Data collection: RAPID-AUTO (Rigaku, 1998 ▶); cell refinement: RAPID-AUTO; data reduction: CrystalClear (Rigaku/MSC, 2002 ▶); program(s) used to solve structure: SHELXS97 (Sheldrick, 2008 ▶); program(s) used to refine structure: SHELXL97 (Sheldrick, 2008 ▶); molecular graphics: X-SEED (Barbour, 2001 ▶); software used to prepare material for publication: publCIF (Westrip, 2010 ▶).

Supplementary Material

Supplementary material file. DOI: 10.1107/S1600536812031340/xu5581Isup3.cml

Additional supplementary materials: crystallographic information; 3D view; checkCIF report

Table 1. Hydrogen-bond geometry (Å, °).

D—H⋯A	D—H	H⋯A	D⋯A	D—H⋯A
O1—H1⋯N1	0.85 (1)	1.83 (2)	2.658 (3)	166 (5)
N2—H2⋯O1i	0.88 (1)	2.06 (1)	2.928 (3)	172 (3)

Symmetry code: (i) .

supplementary crystallographic information

Comment

Salicylaldehyde condenses with aromatic amines to yield Schiff bases, which serve as chelating ligands to a plethora of metal systems. These Schiff bases can be readily reduce to the corresponding secondary amines, which can also function as chelating ligands. Curiously, there are only few 2-(arylamino)methylphenols compared with the plethora of Schiff bases in the chemical literature. Among the aminopyridine derivatives, only the crystal structure of 2-((pyridin-3-ylamino)methyl)phenol has been reported (Xu et al., 2011). The 2-((pyridin-2-ylamino)methyl)phenol analog (Scheme I) has been described as its metal adducts only (Yalçın et al., 2007).
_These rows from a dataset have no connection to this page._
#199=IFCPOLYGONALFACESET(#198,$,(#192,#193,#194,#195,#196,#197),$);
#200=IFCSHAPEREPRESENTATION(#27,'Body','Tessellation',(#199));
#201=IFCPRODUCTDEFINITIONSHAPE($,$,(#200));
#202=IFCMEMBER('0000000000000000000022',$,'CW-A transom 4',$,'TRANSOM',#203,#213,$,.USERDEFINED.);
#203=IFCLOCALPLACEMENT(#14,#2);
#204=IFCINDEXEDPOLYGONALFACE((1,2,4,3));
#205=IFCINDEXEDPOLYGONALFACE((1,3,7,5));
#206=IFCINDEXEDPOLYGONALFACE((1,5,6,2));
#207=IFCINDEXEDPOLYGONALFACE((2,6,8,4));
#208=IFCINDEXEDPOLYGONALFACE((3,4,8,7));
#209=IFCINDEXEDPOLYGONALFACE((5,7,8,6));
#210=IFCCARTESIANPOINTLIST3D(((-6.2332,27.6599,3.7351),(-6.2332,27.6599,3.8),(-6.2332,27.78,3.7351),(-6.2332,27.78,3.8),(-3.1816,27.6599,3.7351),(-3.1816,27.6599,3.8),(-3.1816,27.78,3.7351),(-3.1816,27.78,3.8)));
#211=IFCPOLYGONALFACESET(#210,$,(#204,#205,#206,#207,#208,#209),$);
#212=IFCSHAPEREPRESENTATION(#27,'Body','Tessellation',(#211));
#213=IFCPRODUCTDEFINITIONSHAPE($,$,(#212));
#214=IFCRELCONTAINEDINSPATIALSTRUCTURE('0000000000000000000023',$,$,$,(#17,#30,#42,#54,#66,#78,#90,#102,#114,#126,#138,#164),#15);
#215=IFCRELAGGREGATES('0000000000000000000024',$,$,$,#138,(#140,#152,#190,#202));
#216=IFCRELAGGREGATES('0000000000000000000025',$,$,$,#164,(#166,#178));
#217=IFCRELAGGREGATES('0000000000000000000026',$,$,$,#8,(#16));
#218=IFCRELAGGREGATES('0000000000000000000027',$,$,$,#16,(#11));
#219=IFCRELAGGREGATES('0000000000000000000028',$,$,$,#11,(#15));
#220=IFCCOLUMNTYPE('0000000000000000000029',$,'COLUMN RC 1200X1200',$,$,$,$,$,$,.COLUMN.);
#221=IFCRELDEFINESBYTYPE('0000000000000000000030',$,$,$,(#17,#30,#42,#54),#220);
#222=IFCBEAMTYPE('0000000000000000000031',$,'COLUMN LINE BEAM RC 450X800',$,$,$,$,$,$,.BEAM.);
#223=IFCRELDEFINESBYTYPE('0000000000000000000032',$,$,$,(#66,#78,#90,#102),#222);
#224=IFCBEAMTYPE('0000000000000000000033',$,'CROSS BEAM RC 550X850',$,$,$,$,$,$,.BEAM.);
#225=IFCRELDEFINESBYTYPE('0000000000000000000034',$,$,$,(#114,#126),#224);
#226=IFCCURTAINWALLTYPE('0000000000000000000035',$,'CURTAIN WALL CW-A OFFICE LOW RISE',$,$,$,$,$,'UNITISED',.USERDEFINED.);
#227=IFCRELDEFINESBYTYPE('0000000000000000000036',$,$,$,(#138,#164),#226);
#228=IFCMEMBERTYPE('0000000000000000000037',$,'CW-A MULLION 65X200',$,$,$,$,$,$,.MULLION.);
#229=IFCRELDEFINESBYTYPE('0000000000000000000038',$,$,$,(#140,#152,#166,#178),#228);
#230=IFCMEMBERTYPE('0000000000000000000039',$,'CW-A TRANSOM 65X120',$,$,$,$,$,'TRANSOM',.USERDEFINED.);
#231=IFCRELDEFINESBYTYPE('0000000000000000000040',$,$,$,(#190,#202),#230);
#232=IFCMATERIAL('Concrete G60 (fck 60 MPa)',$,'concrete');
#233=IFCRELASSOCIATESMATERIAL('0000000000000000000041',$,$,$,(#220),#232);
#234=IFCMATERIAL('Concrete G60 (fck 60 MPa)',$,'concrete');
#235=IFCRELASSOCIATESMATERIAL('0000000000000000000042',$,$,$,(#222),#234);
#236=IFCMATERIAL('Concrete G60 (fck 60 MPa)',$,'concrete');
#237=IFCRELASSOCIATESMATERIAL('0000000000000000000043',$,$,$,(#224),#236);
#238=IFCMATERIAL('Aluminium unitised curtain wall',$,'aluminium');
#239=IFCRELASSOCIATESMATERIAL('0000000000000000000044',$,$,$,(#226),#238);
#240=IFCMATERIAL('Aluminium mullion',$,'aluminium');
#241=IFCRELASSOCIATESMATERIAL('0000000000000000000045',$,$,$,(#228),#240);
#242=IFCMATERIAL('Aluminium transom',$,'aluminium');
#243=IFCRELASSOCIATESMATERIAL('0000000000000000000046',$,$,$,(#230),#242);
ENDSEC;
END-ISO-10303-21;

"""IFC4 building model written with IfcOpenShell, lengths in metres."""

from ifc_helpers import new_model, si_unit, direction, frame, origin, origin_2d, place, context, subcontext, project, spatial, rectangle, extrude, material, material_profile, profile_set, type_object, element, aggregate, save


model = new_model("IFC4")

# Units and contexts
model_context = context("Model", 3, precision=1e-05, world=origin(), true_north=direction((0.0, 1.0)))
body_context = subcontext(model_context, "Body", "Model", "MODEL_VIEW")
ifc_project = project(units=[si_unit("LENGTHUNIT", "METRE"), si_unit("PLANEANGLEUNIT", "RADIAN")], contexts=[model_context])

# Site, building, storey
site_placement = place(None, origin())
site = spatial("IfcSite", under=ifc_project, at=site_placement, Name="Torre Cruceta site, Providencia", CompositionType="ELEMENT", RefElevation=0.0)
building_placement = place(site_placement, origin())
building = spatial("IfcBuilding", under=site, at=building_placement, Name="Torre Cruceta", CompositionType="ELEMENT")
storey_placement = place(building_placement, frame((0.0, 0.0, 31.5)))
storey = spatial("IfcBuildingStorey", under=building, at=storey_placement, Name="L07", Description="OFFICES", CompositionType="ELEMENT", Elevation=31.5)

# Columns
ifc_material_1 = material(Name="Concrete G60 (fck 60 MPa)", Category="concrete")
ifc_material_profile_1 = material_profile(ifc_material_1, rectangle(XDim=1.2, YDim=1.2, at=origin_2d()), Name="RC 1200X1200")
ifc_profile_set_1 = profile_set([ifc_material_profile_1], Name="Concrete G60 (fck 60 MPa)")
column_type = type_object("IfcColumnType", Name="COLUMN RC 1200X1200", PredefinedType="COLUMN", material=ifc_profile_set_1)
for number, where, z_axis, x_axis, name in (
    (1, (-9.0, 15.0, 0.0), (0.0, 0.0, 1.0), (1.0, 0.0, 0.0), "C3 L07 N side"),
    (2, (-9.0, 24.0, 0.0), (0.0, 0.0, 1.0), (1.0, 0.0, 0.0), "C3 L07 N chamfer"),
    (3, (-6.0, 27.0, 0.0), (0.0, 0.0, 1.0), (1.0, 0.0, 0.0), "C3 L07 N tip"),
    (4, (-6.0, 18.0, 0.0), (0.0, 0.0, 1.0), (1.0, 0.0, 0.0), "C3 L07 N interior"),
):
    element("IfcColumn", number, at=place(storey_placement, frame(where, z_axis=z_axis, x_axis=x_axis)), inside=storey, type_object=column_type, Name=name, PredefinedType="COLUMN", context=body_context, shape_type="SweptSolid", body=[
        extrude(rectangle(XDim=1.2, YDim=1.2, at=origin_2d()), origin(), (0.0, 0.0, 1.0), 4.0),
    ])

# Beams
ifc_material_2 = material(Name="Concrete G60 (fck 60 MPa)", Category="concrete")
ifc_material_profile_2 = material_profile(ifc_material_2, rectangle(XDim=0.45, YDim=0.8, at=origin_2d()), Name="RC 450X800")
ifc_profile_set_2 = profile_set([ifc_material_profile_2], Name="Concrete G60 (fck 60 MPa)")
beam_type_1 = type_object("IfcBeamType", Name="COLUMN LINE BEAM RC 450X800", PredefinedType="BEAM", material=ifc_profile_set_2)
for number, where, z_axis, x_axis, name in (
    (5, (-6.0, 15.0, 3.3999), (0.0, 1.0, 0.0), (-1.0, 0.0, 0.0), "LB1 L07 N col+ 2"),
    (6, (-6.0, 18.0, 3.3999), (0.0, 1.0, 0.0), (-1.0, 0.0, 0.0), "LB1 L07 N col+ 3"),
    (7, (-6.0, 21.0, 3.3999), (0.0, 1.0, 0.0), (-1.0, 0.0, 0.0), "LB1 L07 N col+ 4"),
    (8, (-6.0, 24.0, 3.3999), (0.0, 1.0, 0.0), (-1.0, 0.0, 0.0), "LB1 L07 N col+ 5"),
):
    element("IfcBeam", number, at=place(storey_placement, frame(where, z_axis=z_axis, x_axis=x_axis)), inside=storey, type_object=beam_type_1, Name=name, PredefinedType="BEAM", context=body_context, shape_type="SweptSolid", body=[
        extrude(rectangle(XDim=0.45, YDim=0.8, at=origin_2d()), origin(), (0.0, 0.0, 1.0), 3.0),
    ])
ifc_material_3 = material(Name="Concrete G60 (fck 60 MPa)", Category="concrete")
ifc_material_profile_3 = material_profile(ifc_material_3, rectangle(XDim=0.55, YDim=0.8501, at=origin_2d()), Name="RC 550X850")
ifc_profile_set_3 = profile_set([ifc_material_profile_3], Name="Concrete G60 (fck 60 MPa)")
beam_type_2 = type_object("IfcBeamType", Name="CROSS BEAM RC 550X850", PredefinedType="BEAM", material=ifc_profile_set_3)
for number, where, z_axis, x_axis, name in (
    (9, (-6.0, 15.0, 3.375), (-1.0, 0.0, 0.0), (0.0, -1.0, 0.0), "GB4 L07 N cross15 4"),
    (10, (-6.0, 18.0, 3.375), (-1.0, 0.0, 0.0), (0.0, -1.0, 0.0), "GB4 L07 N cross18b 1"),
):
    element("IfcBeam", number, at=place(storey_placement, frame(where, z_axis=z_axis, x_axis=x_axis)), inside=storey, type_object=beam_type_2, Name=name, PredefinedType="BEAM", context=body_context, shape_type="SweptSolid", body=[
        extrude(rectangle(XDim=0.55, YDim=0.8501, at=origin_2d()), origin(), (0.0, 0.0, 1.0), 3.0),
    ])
The two aromatic rings of the reduced Schiff-base, C₁₂H₁₂N₂O, are twisted along the –CH₂–NH– single-bond by 50.3 (1) °. The hydroxy O atom is hydrogen-bond donor to the pyridyl N atom and an eight-membered ring is formed (Fig. 1). The slightly flattened secondary amino N atom is hydrogen-bond donor to the O atom of an adjacent molecule; this hydrogen bond leads to the formation of a helical chain that runs along the a-axis of the orthorhombic unit cell (Fig. 2, Table 1).

Experimental

A solution of 2-aminopyridine (1 mmol) and salicylaldehyde (1 mmol) in toluene (50 ml) was heated for 10 h. The solvent was removed under vacuum, and the residue was reduced in absolute methanol by sodium borohydride. Light yellow crystals were obtained by recrystallization from methanol in 80% yield.

Refinement

Carbon-bound H-atoms were placed in calculated positions (C–H 0.93 Å) and were included in the refinement in the riding model approximation, with U(H) set to 1.2U(C). The amino and hydroxy H-atoms were located in a difference Fourier map, and were refined with distance restraints N–H 0.88±0.01 Å and O–H 0.84±0.01 Å; their temperature factors were refined.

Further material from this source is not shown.